According to Kacher, there's still a chance for R5. With developmental control of sportscars, an internal program known as "550" has proceeded at Stuttgart, stemming from the former project known as 'Bluesport' and loosely based on the concept car by the same name.

Where we remain confused is engine configuration. Bluesport had a transverse engine and so too would the Detroit e-tron coupe had it ever been built according to our sources, but the e-tron Spyder that popped up again in Le Mans boasted a longitudinal V6 engine just like the R8.

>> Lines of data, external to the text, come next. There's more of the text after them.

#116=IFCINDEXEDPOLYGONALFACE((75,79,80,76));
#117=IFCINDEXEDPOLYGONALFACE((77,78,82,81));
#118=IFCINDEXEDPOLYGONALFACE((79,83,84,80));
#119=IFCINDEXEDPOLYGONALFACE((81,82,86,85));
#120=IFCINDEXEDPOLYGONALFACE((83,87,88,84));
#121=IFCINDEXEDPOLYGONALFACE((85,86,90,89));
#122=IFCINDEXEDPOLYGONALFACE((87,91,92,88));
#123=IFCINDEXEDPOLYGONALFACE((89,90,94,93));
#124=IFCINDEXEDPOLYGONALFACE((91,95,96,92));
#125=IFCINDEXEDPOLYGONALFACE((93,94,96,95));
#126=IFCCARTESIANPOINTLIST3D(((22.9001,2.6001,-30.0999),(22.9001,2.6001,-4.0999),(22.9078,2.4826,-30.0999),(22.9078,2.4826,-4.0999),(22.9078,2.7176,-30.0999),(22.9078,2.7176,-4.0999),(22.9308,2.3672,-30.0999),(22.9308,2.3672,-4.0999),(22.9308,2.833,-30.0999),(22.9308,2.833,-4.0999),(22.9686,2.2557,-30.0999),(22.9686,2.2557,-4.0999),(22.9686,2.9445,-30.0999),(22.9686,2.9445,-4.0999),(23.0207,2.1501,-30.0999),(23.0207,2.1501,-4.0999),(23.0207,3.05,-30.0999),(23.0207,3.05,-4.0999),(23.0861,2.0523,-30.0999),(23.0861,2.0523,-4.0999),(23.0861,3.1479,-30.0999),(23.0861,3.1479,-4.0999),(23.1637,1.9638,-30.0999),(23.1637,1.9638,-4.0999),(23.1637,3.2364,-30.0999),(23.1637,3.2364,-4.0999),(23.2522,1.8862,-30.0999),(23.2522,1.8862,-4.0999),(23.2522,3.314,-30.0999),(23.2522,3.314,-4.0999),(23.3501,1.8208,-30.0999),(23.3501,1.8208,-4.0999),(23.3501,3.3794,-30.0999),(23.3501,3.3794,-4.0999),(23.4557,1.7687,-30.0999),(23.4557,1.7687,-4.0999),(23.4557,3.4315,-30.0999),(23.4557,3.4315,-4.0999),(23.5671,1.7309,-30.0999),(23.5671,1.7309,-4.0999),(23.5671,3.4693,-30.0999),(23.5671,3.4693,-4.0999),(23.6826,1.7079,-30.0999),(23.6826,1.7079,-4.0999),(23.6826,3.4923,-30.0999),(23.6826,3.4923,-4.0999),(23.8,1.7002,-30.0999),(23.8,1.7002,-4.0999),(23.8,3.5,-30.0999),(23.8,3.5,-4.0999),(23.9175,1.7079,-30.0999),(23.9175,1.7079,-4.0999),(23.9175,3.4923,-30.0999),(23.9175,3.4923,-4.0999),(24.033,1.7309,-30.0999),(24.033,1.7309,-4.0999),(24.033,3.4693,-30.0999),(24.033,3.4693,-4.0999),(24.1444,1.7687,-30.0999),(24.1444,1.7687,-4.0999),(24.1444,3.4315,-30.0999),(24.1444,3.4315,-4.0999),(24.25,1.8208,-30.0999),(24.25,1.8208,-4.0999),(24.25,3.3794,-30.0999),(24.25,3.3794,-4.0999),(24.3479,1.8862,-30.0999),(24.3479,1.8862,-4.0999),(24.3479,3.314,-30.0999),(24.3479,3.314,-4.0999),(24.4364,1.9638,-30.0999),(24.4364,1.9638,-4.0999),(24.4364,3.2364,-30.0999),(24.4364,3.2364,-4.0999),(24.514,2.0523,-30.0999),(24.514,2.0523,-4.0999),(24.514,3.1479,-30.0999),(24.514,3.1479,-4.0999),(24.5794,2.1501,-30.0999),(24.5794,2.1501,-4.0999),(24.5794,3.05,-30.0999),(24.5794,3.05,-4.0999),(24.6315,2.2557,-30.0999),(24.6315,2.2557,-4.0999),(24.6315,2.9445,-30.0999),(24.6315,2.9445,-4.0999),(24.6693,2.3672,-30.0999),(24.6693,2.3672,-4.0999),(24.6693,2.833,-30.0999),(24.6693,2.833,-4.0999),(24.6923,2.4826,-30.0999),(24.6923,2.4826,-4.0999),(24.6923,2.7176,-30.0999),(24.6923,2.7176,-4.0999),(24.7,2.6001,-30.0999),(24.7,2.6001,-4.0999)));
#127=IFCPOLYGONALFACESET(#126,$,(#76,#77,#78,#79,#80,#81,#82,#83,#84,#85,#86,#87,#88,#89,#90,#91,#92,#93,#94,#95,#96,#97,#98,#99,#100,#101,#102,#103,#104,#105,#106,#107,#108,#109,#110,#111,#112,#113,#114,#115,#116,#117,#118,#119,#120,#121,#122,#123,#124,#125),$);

According to Kacher, this 550 program wiill give birth to an entry-level "Porsche 356" by 2014 and also a VW version. Mr. Kacher also says Audi had been on the fence and almost pulled out, but that the R5 is again gaining traction internally, believed possible to fit alongside the TT in the lineup and even a shooting brake style 'Sportback' might happen. If so, it'd differ from its VW and Porsche siblings by boasting all-wheel drive and the Audi 5-cylinder turbo, which'd position it above the VW and even above the Porsche in pricing. Assumedly, that'd put it above the TT as well.









*A9 Coupe*
Another point of contention inside the group is large cars. As reported before in these pages, Audi is moving toward its next-generation of multi-material space frames that will evolve the current longitudinal architecture dubbed MLB-evo. At the same time, Porsche is readying its own mid-front engine rear-wheel drive platform dubbed MSB that is intended for other cars including the next-generation Panamera, a smaller Panamera siblingknown currently as Pajun, and also the entire Bentley range, VW Phaeton and any front-engine Lamborghini models such as the Estoque 4-door coupe concept shown several years ago.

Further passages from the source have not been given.